I need help to install Viper 5601 Security and remote start on Toyota sienna 2008.


("??" indicates "Where the heck does this go?!") 

VIPER Primary H1, 12-pin harness --> CAR WIRE
1. RED/WHITE (-) 200mA trunk release output --> DO NOT USE
2. RED (+)12v constant input --> White/Red +12v constant 
3. BROWN (+)siren output --> Siren wire that will be placed under the hood
4. WHITE/BROWN light flash isolation wire - PIN 87a of onboard relay --> ??
5. BLACK (-) chassis ground --> BROWN ground wire
6. VIOLET (+) door trigger input --> DO NOT USE
7. BLUE (-) trunk pin / instant trigger input --> ??
8. GREEN (-) door trigger input --> ??
9. BLACK/WHITE (-)200mA dome light output --> ??
10. WHITE/BLUE (-) remote start / turbo timer --> DO NOT USE
11. WHITE parking light output --> Green/Black
12. ORANGE (-)500mA ground when armed --> ??

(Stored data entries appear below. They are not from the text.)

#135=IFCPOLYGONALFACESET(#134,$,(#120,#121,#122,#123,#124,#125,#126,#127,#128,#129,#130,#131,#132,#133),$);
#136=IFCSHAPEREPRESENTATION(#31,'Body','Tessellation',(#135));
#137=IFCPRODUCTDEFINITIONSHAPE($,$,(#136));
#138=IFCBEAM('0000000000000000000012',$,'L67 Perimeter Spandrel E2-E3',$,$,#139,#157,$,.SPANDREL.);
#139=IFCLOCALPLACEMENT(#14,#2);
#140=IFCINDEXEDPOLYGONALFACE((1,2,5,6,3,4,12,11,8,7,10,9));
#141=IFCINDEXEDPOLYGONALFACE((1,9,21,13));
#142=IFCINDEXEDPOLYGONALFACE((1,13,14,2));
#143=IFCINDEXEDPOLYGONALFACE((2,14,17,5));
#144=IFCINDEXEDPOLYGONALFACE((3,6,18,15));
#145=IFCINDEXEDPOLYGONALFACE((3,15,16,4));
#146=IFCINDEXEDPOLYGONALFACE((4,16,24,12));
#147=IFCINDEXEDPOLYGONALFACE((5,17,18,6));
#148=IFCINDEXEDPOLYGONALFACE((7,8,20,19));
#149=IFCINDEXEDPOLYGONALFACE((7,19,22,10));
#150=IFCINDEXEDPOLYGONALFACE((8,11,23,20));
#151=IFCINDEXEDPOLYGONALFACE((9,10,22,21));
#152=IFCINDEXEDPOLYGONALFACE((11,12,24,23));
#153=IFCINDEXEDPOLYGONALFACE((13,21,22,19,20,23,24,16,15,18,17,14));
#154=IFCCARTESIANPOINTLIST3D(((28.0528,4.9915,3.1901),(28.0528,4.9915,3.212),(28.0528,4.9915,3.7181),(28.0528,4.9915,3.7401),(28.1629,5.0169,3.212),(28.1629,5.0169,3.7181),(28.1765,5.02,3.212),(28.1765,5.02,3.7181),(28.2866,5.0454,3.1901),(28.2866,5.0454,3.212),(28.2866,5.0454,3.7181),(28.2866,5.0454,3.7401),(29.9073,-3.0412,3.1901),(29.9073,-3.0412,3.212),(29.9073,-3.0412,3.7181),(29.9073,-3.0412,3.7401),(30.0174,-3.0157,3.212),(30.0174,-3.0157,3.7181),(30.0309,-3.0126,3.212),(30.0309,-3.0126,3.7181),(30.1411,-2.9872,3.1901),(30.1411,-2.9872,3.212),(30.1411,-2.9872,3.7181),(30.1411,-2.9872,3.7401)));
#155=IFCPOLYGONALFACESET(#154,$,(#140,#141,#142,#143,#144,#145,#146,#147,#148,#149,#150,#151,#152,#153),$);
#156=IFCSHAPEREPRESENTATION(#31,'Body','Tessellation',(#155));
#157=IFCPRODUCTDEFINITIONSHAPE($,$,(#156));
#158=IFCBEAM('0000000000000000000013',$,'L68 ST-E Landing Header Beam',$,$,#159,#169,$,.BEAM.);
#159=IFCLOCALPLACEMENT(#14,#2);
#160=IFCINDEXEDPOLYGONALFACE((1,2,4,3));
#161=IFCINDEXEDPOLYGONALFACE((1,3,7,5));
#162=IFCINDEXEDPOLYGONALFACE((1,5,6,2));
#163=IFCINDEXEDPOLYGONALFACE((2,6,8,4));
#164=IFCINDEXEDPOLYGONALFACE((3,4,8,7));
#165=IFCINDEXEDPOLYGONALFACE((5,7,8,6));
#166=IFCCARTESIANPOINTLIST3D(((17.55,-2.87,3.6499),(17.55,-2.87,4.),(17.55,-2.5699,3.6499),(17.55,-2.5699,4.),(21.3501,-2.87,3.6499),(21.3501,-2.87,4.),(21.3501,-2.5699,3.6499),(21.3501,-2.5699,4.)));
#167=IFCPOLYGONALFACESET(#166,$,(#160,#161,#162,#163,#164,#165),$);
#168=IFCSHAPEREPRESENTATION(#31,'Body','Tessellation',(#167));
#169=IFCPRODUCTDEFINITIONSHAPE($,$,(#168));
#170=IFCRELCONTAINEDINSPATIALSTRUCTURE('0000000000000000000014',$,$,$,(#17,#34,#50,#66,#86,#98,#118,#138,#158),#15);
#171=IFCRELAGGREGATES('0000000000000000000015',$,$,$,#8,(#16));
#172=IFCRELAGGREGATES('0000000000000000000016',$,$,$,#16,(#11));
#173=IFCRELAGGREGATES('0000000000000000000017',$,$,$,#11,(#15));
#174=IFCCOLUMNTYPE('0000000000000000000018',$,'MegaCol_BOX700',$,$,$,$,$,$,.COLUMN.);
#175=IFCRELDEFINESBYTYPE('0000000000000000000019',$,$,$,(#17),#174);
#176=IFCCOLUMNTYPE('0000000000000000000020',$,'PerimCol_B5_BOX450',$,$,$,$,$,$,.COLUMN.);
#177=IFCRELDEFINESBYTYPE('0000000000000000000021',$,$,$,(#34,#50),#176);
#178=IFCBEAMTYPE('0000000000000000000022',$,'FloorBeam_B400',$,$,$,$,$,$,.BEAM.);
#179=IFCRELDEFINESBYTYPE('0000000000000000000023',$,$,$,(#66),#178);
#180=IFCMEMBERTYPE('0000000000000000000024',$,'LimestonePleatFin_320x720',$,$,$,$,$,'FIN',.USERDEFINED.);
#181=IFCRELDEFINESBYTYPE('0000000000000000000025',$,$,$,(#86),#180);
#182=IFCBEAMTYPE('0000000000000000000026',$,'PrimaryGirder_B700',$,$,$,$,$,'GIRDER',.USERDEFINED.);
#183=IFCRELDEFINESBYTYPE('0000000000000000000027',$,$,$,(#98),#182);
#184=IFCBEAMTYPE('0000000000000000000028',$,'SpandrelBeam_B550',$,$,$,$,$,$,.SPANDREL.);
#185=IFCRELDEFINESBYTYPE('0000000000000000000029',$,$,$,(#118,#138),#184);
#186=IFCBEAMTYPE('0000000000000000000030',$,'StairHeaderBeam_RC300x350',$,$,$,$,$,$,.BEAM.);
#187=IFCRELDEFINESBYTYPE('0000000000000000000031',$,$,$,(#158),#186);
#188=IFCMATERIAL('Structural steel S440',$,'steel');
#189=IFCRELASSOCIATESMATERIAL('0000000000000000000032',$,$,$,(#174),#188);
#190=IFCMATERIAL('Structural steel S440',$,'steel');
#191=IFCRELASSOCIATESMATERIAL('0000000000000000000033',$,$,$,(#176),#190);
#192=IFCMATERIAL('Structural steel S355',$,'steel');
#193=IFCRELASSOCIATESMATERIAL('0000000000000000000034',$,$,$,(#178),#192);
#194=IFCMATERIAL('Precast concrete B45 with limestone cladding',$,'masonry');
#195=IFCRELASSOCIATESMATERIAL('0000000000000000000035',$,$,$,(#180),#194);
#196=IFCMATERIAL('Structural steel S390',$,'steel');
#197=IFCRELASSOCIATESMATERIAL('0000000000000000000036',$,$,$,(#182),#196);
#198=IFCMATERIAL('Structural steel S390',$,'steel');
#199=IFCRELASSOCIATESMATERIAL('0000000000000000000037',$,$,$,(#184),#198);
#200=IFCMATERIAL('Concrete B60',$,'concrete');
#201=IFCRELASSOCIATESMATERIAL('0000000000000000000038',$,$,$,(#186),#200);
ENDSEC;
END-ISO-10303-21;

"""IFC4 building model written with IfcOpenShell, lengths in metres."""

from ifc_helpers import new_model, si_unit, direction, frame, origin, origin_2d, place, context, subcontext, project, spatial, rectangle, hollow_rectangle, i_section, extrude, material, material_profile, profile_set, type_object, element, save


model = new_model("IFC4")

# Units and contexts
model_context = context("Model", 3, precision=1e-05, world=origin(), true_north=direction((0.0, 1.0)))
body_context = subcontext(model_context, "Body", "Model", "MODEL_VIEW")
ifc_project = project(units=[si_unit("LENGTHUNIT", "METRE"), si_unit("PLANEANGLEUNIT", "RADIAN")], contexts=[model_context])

Viper Door lock harness, 3-pin connector --> Car Wire
1. BLUE unlock output --> Blue
2. EMPTY
3. GREEN lock output --> Light Green

Viper remote start harness, 10-pin connector --> Car Wire
1. PINK(+) ignition 1 input/output --> ??
2. RED/WHITE(+) fused (30a) ignition 2 / flex relay input 87 --> ??
3.ORANGE(+) accessory output --> PURPLE
4. VIOLET(+) starter output (car side of starter kill) --> ??
5. GREEN(+) starter input (key side of starter kill) --> ??
6.RED(+) fused (30a) ignition 1 input --> ??
7.PINK/WHITE(+) Ignition 2/ flex relay output --> ??
8. PINK/BLACK(+) flex relay input 87a keyside (if required) of Flex relay --> ??
9. RED/BLACK(+) fused (30a) accessory/starter input --> ??
10. NC --> No Connection DO NOT USE

H2 Harness 18-Pin Connector
1. Light Green/Black 200mA oem alarm disarm output -->??
2. 200mA aux 4 output 
3. 200mA oem alarm arm output 
4. 200mA aux 2 output 
5. 200mA aux 3 output 
6. 200mA aux 1 output 
7. diesel wait to start input 
8. Brown/Black 200mA horn honk output-->?? 
9. Violet/White tachometer input --?? 
10. Dark Blue 200mA status output -->?? 
11. Pink/White 200mA flex relay control output -->?? 
12. Orange 200mA accessory output -->??
13. Purple 200mA starter output -->??
14. Pink 200mA ignition 1 output -->??
15. Grey hood pin input -->??
16.Blue/White 200mA 2nd status/ rear defogger output -->?? 
17. Brown brake shutdown input --> ??
18. Black/White neutral safety input -->??

Any help will be appreciate. Thanks


----------